The United States Military District was a land tract in central Ohio that was established by the Congress to compensate veterans of the American Revolutionary War for their service with land grants. The tract contained 2539110 acre in Noble, Guernsey, Tuscarawas, Muskingum, Coshocton, Holmes, Licking, Knox, Franklin, Delaware, Morrow, and Marion counties.

==History==

The Congress had little money to pay the soldiers who fought for independence. They made promises of land to induce army enlistment. By resolutions of September 16 and 18, 1776, and August 12, September 22, and October 3, 1780, they proposed to give each officer or private continuously to serve in the United States army until the close of the war, or until discharged, or to the representatives of those slain by the enemy, the amounts in the table.
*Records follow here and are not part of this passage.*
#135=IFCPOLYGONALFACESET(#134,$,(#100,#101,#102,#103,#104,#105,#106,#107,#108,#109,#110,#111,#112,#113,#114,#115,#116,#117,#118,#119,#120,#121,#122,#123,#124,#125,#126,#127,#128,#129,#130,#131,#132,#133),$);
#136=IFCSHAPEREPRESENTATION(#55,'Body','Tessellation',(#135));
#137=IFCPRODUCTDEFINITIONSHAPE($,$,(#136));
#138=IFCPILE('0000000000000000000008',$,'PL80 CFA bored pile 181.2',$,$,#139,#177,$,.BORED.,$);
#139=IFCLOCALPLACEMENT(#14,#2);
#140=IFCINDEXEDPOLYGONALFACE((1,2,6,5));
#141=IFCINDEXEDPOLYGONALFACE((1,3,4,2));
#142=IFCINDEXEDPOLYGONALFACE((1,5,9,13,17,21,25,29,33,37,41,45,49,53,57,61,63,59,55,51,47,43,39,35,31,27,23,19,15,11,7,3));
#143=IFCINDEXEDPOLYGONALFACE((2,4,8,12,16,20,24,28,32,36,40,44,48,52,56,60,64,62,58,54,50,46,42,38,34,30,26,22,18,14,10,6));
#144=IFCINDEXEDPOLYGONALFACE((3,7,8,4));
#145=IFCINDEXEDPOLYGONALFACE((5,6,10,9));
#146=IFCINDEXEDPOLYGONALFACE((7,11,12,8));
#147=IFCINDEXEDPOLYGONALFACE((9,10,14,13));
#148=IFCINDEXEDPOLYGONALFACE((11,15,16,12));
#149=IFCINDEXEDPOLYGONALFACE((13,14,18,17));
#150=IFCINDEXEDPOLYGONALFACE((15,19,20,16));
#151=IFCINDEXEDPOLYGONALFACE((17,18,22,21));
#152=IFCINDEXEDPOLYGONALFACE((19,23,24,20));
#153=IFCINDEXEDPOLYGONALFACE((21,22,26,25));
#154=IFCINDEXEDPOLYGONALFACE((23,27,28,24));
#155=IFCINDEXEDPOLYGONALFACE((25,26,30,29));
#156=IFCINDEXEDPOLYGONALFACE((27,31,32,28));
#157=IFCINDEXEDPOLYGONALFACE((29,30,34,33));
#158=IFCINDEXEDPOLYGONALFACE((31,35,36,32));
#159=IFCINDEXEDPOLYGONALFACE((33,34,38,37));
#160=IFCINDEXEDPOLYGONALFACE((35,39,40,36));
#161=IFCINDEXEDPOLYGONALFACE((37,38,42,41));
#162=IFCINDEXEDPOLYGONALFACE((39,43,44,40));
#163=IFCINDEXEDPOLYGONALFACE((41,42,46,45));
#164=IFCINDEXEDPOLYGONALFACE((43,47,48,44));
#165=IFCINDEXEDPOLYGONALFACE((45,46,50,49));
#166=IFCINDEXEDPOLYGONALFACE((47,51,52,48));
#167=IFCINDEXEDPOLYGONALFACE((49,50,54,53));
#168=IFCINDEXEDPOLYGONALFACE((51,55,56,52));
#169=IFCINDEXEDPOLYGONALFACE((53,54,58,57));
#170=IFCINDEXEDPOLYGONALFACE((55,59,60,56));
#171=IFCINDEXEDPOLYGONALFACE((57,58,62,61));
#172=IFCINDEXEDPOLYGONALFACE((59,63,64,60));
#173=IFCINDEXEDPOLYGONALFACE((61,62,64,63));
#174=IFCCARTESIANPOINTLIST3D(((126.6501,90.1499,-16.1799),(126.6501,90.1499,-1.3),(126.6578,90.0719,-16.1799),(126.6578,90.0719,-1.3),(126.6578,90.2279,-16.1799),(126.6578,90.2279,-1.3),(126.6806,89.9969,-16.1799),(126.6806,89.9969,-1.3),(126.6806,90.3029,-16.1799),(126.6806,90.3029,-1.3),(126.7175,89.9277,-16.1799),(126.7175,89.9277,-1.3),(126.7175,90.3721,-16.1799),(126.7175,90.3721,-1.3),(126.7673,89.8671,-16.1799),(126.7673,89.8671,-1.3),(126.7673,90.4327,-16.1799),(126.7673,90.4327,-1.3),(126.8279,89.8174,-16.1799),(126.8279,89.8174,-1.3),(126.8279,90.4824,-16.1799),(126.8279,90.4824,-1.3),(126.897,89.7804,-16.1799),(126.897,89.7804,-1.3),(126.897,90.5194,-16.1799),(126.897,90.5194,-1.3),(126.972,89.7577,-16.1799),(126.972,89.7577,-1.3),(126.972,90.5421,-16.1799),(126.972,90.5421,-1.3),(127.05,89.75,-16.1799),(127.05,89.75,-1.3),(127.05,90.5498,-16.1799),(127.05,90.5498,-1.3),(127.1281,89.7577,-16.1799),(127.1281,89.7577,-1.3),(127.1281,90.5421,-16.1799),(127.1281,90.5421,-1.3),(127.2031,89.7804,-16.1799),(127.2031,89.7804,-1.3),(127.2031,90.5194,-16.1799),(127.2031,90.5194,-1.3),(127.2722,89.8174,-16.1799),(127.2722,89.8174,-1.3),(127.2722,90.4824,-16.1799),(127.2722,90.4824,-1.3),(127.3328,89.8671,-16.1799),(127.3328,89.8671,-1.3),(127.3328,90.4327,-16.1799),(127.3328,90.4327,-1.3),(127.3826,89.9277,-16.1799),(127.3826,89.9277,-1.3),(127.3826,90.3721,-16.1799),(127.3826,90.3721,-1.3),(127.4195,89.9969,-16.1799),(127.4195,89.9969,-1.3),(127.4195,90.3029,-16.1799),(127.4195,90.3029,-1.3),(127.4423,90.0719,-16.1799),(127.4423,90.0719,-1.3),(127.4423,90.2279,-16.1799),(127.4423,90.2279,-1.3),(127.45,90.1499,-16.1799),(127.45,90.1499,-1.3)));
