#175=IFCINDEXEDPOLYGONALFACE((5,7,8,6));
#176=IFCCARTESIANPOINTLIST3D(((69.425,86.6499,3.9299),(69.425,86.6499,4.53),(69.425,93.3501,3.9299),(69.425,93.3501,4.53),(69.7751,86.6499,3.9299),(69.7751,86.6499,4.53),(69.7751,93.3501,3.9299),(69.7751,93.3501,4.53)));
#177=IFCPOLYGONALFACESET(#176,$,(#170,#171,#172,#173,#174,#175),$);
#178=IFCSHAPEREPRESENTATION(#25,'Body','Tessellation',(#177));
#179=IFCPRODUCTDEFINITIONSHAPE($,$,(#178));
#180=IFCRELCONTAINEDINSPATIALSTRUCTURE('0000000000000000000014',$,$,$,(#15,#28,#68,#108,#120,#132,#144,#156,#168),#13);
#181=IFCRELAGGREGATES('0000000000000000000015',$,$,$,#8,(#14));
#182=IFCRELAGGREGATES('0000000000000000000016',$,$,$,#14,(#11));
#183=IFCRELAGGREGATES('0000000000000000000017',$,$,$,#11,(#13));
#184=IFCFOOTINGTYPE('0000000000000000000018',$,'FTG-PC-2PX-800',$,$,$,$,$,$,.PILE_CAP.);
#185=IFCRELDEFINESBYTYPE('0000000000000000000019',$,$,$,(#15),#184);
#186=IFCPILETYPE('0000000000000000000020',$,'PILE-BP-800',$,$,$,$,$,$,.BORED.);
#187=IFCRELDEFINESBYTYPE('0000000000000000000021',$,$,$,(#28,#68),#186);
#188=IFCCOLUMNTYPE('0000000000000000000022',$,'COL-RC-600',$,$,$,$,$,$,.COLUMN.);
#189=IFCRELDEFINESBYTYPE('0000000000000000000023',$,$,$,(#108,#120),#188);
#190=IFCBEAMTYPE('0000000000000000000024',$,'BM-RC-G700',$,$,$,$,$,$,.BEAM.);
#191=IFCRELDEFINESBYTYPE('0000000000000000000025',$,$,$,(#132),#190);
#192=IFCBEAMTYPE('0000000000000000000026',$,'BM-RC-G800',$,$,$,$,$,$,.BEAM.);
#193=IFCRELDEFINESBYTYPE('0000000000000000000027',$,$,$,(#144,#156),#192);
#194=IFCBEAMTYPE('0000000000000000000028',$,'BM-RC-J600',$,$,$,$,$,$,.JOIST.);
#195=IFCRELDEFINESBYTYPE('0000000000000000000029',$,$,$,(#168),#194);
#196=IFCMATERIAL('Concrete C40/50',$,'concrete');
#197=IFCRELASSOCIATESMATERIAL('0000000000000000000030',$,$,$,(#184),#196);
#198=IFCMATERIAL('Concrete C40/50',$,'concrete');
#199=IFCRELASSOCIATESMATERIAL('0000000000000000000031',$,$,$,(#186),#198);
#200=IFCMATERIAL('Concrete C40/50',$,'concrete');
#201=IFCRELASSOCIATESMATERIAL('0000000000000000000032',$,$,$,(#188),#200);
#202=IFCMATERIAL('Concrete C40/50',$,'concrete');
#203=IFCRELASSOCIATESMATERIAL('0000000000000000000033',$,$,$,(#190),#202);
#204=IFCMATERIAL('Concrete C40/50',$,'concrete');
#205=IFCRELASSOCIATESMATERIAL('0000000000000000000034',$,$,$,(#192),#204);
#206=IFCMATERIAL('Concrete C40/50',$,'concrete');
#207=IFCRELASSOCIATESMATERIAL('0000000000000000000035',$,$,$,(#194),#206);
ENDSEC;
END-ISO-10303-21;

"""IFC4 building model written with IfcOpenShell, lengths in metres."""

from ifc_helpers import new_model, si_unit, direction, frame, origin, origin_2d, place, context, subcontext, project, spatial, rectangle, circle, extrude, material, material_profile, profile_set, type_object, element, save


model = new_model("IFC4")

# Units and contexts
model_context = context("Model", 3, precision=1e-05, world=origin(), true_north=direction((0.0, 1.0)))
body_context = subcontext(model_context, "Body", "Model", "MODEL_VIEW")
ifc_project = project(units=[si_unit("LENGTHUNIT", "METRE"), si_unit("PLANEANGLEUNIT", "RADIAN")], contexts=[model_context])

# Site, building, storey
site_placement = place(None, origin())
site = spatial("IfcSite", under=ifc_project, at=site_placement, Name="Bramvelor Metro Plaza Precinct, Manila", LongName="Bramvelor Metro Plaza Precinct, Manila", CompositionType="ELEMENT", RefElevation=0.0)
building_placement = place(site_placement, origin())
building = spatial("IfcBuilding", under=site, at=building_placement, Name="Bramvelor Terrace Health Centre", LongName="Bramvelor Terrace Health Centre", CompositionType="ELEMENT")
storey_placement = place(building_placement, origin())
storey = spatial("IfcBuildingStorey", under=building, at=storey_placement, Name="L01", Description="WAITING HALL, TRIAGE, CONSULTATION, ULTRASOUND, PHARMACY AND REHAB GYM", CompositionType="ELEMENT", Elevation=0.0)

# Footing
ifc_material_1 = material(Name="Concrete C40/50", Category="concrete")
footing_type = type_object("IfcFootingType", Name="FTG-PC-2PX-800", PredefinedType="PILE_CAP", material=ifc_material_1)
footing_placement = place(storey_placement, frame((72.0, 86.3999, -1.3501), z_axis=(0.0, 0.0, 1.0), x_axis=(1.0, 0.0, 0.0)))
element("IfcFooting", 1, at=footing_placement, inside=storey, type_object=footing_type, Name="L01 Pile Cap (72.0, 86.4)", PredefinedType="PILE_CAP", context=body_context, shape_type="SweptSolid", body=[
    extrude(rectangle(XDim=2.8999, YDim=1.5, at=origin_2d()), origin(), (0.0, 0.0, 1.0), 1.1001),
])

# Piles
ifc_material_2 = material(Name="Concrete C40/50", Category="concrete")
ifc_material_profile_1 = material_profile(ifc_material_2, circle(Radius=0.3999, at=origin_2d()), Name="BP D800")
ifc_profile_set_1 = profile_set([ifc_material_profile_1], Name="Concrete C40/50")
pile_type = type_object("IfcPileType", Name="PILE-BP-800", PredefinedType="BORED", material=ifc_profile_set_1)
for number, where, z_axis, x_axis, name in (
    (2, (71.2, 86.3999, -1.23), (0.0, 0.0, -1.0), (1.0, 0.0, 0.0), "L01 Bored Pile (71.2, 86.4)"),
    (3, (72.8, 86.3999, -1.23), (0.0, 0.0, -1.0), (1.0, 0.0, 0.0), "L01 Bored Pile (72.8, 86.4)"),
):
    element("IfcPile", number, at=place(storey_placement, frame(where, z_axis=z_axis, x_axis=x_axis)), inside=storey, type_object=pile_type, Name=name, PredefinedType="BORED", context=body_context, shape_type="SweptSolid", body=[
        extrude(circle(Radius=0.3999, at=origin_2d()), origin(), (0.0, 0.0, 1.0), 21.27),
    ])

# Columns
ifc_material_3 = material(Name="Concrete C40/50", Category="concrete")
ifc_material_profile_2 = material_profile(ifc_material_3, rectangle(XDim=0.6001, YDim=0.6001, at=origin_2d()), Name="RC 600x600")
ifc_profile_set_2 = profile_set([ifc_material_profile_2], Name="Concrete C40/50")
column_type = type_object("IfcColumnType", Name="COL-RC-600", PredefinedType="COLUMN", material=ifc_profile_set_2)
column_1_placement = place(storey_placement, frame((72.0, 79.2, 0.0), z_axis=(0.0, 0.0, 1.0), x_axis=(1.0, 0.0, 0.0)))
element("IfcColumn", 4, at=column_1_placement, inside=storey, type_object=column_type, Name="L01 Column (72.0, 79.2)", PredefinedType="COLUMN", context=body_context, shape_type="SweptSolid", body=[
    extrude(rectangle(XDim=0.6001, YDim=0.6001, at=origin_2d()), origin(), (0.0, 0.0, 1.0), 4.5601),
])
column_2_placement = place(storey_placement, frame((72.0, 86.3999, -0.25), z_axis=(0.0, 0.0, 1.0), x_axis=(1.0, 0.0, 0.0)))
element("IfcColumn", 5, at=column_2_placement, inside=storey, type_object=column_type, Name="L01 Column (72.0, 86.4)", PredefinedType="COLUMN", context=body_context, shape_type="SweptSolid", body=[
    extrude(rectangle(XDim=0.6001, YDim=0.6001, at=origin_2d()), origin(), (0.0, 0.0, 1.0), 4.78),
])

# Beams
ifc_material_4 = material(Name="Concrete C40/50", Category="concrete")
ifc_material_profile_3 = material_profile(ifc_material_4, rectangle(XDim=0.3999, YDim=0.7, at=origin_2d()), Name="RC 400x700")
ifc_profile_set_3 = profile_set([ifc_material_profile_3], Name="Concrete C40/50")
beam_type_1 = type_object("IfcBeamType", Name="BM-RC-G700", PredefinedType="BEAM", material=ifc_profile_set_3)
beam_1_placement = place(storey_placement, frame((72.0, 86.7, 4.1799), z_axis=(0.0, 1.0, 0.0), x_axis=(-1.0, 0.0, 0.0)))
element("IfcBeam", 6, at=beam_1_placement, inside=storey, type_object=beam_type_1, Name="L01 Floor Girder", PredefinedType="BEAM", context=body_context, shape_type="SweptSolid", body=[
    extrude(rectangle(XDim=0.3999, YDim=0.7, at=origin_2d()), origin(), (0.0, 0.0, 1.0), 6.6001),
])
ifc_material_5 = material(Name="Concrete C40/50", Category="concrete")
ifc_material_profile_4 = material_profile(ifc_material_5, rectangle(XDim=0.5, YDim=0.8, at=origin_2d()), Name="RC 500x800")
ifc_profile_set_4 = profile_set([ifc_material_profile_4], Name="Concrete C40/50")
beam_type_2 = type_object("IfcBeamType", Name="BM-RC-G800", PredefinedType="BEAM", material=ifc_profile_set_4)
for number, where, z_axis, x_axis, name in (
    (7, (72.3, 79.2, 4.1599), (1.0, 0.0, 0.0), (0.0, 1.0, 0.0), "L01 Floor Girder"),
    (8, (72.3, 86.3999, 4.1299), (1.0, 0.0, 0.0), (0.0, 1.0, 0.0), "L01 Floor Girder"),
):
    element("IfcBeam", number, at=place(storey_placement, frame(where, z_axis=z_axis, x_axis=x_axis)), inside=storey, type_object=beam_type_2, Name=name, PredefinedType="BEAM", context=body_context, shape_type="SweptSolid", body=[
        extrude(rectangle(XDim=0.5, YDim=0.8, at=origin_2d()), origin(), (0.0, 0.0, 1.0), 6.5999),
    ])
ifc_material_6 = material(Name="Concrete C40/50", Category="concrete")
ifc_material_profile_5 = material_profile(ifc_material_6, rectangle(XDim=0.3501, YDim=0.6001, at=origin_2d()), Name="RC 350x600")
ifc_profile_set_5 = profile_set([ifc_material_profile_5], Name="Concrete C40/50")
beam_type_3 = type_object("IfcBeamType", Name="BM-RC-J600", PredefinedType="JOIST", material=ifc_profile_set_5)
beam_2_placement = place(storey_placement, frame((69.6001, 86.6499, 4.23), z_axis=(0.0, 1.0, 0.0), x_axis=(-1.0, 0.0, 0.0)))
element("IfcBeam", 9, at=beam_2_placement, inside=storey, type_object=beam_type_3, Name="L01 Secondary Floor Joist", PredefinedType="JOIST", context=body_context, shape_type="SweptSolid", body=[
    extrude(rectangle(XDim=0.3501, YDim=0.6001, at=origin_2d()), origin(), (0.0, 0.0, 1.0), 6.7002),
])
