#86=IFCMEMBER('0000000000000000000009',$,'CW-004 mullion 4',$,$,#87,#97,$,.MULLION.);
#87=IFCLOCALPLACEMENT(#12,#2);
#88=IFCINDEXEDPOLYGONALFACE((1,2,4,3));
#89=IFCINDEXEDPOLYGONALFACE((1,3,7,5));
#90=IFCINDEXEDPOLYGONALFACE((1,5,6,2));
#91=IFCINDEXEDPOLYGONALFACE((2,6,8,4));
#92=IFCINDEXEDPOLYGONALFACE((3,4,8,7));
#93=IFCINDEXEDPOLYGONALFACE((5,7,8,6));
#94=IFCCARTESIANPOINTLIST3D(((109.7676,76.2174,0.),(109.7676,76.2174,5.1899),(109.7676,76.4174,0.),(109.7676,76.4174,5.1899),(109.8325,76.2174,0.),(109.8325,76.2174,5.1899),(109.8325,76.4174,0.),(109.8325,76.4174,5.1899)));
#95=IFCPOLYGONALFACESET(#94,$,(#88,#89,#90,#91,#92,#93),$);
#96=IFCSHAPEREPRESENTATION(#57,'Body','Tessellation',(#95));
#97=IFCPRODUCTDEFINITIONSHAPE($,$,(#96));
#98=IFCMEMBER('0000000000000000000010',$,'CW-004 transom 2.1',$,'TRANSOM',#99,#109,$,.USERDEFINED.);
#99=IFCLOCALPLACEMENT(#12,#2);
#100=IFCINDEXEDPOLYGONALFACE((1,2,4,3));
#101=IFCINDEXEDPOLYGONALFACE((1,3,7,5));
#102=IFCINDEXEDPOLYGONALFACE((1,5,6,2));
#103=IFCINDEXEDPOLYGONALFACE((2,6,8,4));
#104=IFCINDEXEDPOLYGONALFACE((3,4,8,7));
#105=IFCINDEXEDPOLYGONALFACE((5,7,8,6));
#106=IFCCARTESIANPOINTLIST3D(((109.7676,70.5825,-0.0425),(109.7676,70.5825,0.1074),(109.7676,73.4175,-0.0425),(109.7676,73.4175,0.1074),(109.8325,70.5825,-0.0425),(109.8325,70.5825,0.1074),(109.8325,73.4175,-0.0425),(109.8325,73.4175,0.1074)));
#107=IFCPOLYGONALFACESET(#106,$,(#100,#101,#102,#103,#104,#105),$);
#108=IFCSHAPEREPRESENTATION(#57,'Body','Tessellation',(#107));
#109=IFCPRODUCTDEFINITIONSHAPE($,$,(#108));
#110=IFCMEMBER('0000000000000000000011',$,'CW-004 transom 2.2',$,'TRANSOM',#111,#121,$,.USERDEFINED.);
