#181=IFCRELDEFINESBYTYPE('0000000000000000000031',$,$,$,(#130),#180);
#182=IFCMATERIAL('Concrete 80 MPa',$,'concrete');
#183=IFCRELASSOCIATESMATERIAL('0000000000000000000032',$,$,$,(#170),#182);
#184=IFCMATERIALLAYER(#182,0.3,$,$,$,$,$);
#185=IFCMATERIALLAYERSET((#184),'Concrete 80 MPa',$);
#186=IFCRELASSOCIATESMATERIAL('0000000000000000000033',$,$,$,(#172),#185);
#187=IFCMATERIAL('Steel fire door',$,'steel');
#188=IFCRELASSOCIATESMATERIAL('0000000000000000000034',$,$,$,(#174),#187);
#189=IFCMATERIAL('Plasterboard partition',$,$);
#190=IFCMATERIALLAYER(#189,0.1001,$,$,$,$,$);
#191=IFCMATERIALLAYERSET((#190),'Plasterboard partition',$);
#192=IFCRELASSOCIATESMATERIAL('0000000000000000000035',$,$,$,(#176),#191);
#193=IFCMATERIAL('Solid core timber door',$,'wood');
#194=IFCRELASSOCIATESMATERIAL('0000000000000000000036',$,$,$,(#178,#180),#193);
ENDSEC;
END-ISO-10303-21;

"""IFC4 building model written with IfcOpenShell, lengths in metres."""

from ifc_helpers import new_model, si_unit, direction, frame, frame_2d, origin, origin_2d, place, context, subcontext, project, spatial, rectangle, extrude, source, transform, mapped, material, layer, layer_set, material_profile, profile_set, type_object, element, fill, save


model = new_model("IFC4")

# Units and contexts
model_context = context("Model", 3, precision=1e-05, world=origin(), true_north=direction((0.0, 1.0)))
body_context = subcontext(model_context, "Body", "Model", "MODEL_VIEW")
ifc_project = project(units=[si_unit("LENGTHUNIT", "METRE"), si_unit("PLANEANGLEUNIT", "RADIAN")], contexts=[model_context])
| Bounty (acres) | Ranks |
|---|---|
| 1100 | Major General |
| 850 | Brigadier General, Director |
| 500 | Colonel, Chief Physician, Purveyor |
| 450 | Lieutenant Colonel, Physician, Surgeon, Apothecary |
| 400 | Major, Regimental Surgeon, Asst. Apothecary |
| 300 | Captain, Surgeons Mate |
| 200 | Lieutenant |
| 150 | Ensign |
| 100 | Non-commissioned officer, Soldier |

Under the Land Ordinance of 1785, land was made available in the Seven Ranges for bounties, but this proved inadequate.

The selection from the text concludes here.